Here is the interview question prompt, presented for reference.
We're provided a positive integer num
. Can you write a method to repeatedly add all of its digits until the result has only one digit?
Here's an example: if the input was 49
, we'd go through the following steps:
// start with 49
4 + 9 = 13
// since the previous addition was 13,
// move onto summing 13's digits
1 + 3 = 4
We would then return 4
.
0
and 1000000000
O(log n)
O(1)
You can see the full challenge with visuals at this link.
Challenges • Asked over 5 years ago by Danaila Marian
This is called the digital room problem or This is called the digital **root* problem?Great job on this site by the way, I am enjoying it! thank you!!
Definitely digital root :-) Glad you're enjoying it!
Hi, guys!
I have a question about "Sum Digits Until One" problem. When I run the code for all the test cases everything is perfect, but when I click 'RUN TESTS' button, it gives me an error:
4
('An error occurred!', NameError("name 'assertEqual' is not defined",))
('An error occurred!', NameError("name 'assertEqual' is not defined",))
('An error occurred!', NameError("name 'assertEqual' is not defined",))
Here is the code:
def sumDigits(n):
if n 0):
s += n % 10
n //= 10
return sumDigits(s)
print(sumDigits(49))
Some thoughts about what is wrong?
Same problem here
This is incorrect. The question states "write a method to REPEATEDLY add all of its digits until the result has only one digit". You can see in the example that we later add 1 + 3 from 13 to get 4.
The assertions in the tests for this are incorrect. For example, I am seeing the following: assert sum_digits(49) == 4
It should be sum_digits(49) == 13
I think the example here could be made a bit more clear. It isn't obvious from the problem statement and example that all of the digits in the number needed to be added first to provide the next sum.
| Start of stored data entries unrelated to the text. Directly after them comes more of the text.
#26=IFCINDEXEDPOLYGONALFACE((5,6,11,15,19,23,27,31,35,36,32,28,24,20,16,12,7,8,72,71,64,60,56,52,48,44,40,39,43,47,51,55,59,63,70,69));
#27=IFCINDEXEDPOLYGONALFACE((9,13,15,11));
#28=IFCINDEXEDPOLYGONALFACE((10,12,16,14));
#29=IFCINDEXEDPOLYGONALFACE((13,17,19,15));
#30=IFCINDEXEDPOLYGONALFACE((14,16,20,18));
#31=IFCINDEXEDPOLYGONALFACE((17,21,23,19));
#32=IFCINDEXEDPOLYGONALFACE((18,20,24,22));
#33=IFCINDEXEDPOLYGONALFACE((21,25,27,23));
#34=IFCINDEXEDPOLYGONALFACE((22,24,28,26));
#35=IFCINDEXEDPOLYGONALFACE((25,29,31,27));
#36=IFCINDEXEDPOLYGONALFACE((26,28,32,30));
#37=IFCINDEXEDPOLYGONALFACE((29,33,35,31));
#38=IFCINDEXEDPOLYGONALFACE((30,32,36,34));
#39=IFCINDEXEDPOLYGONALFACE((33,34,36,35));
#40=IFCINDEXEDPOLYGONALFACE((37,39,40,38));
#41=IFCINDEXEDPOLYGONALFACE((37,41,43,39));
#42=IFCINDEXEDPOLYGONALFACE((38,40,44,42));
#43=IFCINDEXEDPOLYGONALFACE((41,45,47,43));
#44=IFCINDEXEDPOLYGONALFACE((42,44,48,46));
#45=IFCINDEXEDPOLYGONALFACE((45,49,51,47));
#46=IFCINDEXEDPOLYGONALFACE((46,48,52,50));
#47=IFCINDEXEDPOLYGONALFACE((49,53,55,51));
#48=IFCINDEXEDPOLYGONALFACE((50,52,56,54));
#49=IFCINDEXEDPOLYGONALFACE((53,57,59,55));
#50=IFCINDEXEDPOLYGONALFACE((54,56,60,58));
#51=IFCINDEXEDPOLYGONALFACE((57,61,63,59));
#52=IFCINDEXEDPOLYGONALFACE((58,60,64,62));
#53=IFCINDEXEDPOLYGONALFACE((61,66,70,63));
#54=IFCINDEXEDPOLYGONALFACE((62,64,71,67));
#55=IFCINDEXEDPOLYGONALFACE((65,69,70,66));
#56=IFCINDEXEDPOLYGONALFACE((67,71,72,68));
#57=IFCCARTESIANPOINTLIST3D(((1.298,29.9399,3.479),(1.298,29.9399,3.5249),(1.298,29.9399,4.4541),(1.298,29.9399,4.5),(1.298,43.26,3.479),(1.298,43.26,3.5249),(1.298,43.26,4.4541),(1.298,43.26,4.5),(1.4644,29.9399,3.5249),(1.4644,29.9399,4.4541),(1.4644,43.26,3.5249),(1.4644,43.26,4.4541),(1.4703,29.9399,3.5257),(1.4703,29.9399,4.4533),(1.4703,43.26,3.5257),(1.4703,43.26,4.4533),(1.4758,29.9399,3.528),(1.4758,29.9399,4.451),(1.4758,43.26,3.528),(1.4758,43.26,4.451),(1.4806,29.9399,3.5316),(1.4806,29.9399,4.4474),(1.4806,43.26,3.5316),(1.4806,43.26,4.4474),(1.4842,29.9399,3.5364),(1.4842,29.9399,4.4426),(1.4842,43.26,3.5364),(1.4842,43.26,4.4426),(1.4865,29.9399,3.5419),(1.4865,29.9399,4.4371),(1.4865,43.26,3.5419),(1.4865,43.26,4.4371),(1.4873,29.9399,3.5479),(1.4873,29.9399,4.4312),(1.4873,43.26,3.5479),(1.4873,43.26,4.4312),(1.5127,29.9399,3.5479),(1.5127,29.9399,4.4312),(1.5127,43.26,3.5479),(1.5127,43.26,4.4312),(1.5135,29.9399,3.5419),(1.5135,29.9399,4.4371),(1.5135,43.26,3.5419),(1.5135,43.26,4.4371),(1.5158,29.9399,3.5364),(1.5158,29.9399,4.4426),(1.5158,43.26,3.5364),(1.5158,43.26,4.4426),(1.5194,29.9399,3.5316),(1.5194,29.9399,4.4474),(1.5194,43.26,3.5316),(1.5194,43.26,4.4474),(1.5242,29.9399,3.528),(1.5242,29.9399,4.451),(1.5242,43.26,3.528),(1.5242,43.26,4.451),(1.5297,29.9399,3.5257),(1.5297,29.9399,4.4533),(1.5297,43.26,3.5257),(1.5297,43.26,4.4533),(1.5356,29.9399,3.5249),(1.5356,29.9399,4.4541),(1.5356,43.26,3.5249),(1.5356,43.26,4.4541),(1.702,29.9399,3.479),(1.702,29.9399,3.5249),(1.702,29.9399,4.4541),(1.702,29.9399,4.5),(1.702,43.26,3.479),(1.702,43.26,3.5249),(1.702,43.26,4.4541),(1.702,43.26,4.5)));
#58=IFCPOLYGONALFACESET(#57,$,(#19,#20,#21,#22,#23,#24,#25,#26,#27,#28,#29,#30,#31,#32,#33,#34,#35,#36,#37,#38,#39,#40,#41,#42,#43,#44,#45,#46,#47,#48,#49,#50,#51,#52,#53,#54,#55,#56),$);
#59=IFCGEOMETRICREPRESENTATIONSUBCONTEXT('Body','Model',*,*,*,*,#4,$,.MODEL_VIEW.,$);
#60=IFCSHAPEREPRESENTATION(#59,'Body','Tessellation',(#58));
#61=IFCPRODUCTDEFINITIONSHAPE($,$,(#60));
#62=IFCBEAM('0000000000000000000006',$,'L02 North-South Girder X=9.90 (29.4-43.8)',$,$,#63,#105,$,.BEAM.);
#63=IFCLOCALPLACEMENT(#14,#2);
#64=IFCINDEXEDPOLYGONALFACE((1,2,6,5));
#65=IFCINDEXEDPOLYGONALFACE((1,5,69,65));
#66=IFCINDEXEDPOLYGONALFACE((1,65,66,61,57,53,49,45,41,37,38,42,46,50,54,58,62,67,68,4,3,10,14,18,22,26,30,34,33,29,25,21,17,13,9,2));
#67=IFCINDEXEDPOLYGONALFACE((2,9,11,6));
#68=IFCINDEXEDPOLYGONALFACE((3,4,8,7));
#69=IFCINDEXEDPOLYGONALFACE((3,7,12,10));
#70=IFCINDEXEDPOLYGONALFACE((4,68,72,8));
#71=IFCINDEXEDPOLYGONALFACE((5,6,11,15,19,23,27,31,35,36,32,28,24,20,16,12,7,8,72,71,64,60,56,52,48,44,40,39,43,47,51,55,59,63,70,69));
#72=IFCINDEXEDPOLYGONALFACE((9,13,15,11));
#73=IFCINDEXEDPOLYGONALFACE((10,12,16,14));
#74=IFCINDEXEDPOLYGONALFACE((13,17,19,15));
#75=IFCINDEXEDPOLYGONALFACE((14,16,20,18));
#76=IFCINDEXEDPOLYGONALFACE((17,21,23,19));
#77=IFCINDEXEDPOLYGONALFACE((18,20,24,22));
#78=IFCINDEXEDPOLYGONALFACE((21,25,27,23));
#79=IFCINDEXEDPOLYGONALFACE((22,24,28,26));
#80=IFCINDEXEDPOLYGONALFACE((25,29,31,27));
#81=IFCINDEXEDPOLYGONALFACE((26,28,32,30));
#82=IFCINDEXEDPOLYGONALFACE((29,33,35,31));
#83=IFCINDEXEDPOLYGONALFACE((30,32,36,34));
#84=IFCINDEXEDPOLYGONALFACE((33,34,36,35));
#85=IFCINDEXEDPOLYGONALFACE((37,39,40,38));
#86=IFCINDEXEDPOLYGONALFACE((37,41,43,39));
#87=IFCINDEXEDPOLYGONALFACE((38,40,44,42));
One could alternatively interpret the problem statement as fibonnaci-esque - deriving the sum from the first digit and the "reduced" sum of the subsequent digits (which could potentially grow infinitely).
The intent could be easily disambiguated by providing an example with > 2 digits.
> for x = 195
> 1 + 9 + 5 = 15
> 1 + 5 = 6
It’s the digital root problem. The example is correct: 49 -> 4+9=13 -> 1+3=4. Ryan’s suggestion to show a 3-digit example helps disambiguate:
195 -> 1+9+5=15 -> 1+5=6
About the “assertEqual is not defined” error: that’s coming from the site’s test harness, not your function. They’re likely calling unittest’s assertEqual outside a TestCase. Two practical tips to avoid unrelated failures:
- Match the expected function name/signature. Many platforms use snakecase, e.g., sumdigits(n), not sumDigits.
- Don’t print inside the solution; just return the value. Extra prints can confuse runners.
A simple iterative version:
def sum_digits(n):
while n >= 10:
s = 0
while n:
s += n % 10
n //= 10
n = s
return n
O(1) math trick (digital root):
def sum_digits(n):
if n == 0:
return 0
return 1 + (n - 1) % 9
If “Run Tests” still throws assertEqual errors, that needs a fix on the platform side. Similar small-math tricks show up in problems like Find Missing Number in Array, so it’s nice to know both the loop and O(1) versions.
A few quick notes based on the thread:
Two things you can do on your side to avoid unrelated failures:
- Match the expected function name/signature (usually snakecase): sumdigits(n), not sumDigits.
- Don’t print in the solution—just return.
Iterative version that most runners accept:
def sum_digits(n):
n = abs(int(n))
while n >= 10:
s = 0
while n:
n, d = divmod(n, 10)
s += d
n = s
return n
O(1) digital root trick (if inputs are non-negative integers):
def sum_digits(n):
n = abs(int(n))
return 0 if n == 0 else 1 + (n - 1) % 9
If “Run Tests” still reports assertEqual is not defined, that needs a fix on the platform side. Also, same snake_case naming convention shows up in problems like Length of String Compression.
Appreciate all the details here—quick updates and clarifications:
Both iterative and O(1) solutions are accepted:
```
def sum_digits(n):
return 0 if n == 0 else 1 + (n - 1) % 9
```
Assume non-negative integers for this challenge. If anything else looks off after the fix, reply with the run ID or a screenshot so we can investigate.